In November 2022, Houston home sales dropped 30% when compared to the previous month. This was the biggest decline of 2022, driven by factors like high mortgage rates and limited inventory.

A corresponding report from the Houston Association of Realtors indicates a 45% decrease in sales of homes valued at $150,000 and $250,000. Homes priced above $250,000 experienced a 27% reduction in sales during November.

Townhome and condo sales also dropped 35% in November 2022.

Nationwide, mortgage rates are currently double what they were in 2021, while home prices remain stable. This has created caution on the part of buyers, who’d rather wait for cheaper prices.

As a result, there’s a high demand for rentals at present.

These are all signs that the Houston housing market is normalizing when compared to the unusual conditions of the last two years.

Jennifer Wauhob of the Houston Association of Realtors, emphasizes that a 30% drop in sales isn’t so scary when one considers the abnormal excesses of 2021 transactions.

Year-on-year, Houston home sales are down almost 9% in 2022. This places November’s numbers just off the sales figures recorded in 2018 before the onset of the pandemic.

Other good news is that Houston’s housing inventory has improved. Now there is almost 3 months’ worth of housing available for sale.

A shortage of inventory in the past few years was a major driver behind soaring prices and bidding wars on available homes.

Expert realtors view six months of inventory as conducive to a balanced market. So, this increase is a step in the right direction for Houston real estate.

Sales might have dropped, but home prices are still on the rise throughout the Houston metro.
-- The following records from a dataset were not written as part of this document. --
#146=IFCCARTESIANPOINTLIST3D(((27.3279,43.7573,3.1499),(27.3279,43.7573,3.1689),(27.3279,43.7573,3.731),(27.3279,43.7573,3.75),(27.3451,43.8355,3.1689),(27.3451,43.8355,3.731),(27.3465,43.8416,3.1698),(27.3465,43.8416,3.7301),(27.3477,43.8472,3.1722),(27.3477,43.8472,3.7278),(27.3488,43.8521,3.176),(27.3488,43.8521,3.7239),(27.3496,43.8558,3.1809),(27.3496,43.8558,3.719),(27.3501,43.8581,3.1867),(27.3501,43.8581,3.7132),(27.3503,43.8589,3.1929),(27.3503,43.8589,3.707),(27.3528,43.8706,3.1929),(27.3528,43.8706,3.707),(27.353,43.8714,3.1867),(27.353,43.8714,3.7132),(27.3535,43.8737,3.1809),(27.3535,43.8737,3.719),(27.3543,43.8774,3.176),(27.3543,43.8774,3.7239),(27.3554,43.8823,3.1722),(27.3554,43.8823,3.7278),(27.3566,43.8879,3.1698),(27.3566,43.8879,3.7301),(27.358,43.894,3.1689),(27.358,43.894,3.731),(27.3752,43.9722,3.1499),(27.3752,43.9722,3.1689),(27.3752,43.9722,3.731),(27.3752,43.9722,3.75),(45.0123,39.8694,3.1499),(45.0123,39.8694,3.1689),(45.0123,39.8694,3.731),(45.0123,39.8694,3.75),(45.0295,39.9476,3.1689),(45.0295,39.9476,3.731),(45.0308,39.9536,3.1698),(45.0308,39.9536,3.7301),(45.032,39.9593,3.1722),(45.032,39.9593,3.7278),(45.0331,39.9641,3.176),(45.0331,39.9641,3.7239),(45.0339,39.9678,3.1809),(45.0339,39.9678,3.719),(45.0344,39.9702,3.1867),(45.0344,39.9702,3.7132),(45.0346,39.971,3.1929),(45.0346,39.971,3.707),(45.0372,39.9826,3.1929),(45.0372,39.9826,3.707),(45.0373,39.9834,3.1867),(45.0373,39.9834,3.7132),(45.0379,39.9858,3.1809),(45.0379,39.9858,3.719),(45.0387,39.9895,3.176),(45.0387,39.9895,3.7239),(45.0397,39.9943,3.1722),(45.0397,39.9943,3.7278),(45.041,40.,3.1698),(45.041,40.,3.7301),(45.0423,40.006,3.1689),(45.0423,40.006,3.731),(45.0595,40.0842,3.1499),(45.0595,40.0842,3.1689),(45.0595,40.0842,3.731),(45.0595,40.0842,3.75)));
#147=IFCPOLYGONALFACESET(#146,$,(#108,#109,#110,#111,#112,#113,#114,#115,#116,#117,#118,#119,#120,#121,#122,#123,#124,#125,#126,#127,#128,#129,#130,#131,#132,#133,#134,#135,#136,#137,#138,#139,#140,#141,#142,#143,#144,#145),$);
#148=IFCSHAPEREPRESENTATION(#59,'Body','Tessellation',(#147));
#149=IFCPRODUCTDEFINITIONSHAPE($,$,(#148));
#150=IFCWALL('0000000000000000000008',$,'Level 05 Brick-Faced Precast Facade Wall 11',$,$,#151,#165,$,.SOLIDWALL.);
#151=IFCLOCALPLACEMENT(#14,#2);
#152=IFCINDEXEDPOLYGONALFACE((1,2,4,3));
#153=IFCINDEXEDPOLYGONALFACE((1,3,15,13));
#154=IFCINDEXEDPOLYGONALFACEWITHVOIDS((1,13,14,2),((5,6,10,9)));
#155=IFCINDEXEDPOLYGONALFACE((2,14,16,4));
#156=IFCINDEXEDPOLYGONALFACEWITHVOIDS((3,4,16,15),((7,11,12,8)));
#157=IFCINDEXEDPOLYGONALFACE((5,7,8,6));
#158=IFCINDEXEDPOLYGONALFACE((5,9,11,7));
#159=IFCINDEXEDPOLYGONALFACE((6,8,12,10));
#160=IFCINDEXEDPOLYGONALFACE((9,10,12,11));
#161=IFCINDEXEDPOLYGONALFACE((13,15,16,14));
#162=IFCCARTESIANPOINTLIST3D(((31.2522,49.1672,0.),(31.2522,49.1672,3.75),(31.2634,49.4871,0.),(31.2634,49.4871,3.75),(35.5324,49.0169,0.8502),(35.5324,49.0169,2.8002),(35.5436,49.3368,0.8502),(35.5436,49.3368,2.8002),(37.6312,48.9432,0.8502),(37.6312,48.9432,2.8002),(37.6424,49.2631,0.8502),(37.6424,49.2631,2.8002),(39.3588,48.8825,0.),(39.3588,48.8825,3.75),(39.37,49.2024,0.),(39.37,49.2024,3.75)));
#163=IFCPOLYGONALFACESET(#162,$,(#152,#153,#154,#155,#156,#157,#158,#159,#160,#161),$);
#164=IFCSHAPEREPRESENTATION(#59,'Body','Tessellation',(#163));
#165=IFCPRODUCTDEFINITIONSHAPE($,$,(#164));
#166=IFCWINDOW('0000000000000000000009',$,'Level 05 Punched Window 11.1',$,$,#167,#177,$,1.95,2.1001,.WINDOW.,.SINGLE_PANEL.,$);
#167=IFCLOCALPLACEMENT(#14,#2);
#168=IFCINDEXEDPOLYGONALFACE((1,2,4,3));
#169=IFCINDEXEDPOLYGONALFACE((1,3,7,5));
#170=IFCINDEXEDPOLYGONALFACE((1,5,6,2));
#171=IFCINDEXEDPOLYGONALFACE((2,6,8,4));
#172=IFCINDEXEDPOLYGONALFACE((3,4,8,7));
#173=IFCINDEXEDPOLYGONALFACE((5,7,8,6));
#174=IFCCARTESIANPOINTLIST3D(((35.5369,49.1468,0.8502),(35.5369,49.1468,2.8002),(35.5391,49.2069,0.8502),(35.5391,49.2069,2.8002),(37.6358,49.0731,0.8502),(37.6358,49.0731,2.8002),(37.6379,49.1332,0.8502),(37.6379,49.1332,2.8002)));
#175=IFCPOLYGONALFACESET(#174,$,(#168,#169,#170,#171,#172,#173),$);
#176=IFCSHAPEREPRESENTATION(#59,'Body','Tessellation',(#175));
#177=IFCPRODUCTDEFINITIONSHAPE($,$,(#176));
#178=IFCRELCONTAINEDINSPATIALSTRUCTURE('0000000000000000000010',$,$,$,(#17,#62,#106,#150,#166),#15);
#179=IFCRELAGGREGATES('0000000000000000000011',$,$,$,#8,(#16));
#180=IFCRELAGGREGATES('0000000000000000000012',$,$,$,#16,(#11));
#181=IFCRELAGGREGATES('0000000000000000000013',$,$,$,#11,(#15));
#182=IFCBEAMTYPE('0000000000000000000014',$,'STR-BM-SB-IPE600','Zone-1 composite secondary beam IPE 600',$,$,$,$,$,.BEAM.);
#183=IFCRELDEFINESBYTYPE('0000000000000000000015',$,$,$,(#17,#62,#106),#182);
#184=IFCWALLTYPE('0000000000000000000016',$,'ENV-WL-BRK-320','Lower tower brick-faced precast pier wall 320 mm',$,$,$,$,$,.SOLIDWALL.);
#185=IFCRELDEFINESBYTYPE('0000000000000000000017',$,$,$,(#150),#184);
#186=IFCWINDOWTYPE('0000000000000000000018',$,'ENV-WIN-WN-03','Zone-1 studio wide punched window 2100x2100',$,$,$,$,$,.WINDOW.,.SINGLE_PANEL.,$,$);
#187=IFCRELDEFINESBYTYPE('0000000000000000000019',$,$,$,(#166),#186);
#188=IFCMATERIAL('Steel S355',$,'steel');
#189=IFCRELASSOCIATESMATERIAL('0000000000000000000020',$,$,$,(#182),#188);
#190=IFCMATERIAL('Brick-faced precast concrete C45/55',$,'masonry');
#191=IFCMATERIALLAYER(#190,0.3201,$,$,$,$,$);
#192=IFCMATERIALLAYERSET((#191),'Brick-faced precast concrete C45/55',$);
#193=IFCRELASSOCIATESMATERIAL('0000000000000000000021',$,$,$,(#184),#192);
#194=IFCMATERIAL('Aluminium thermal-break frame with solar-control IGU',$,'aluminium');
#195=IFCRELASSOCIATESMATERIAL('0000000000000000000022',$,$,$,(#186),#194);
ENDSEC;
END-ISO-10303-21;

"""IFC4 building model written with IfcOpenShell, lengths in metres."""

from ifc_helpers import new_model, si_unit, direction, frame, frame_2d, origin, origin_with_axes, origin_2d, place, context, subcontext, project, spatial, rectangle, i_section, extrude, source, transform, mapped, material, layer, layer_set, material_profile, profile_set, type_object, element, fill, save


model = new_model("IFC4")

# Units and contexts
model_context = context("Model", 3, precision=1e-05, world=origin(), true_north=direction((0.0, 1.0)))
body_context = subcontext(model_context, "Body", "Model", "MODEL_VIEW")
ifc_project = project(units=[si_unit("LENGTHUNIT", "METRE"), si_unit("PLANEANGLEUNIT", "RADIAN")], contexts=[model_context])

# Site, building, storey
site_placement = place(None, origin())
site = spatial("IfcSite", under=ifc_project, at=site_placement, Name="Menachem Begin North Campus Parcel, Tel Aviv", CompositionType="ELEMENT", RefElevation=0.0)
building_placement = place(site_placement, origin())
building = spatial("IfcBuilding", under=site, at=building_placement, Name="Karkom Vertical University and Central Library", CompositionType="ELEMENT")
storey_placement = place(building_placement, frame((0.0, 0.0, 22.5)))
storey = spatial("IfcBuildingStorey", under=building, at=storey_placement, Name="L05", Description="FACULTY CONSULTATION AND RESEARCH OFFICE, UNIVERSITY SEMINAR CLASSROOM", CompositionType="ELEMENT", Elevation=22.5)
In November, prices were still around 6% higher when compared to the previous year.

January 2023 saw similar increases, with housing prices escalating by around 6%. Homes are staying on the market longer, too, causing sellers to lower their prices or remove their homes from the market.

The average single-family home lingers for around 45 days before it sells, ten days longer than in November 2021.

Despite the slowdown in the market, Houston is standing up well to the slump when compared to similar cities. Other large metros have seen dramatic price decreases in the last eight months.

Houston Housing Market Key Takeaways

Overall, the Houston housing market has a favorable outlook. It’s still one of the more affordable cities to live in since real estate prices never reached the extremes seen in Austin and other Texas cities.

Houston escaped a huge influx of buyers from high-priced areas between 2020 and 2022, which helped keep home prices lower.

There’s still much uncertainty surrounding the future of real estate in Houston, although some constants remain. These are:

  • Seasonal fluctuations
  • High buyer interest in the suburbs
  • Steadily decreasing prices
  • Increasing inventory
  • Significant value

Overall, these factors point to a steadily normalizing situation, which bodes well for stability in the real estate market. Realtors agree that increasing inventory levels coupled with steady buyer demand are signs of a healthy market undergoing a slight adjustment.

Home sellers might not enjoy the massive profits and fast sales we’ve seen in recent times, but they’ll still achieve a satisfactory outcome when placing their homes on the market.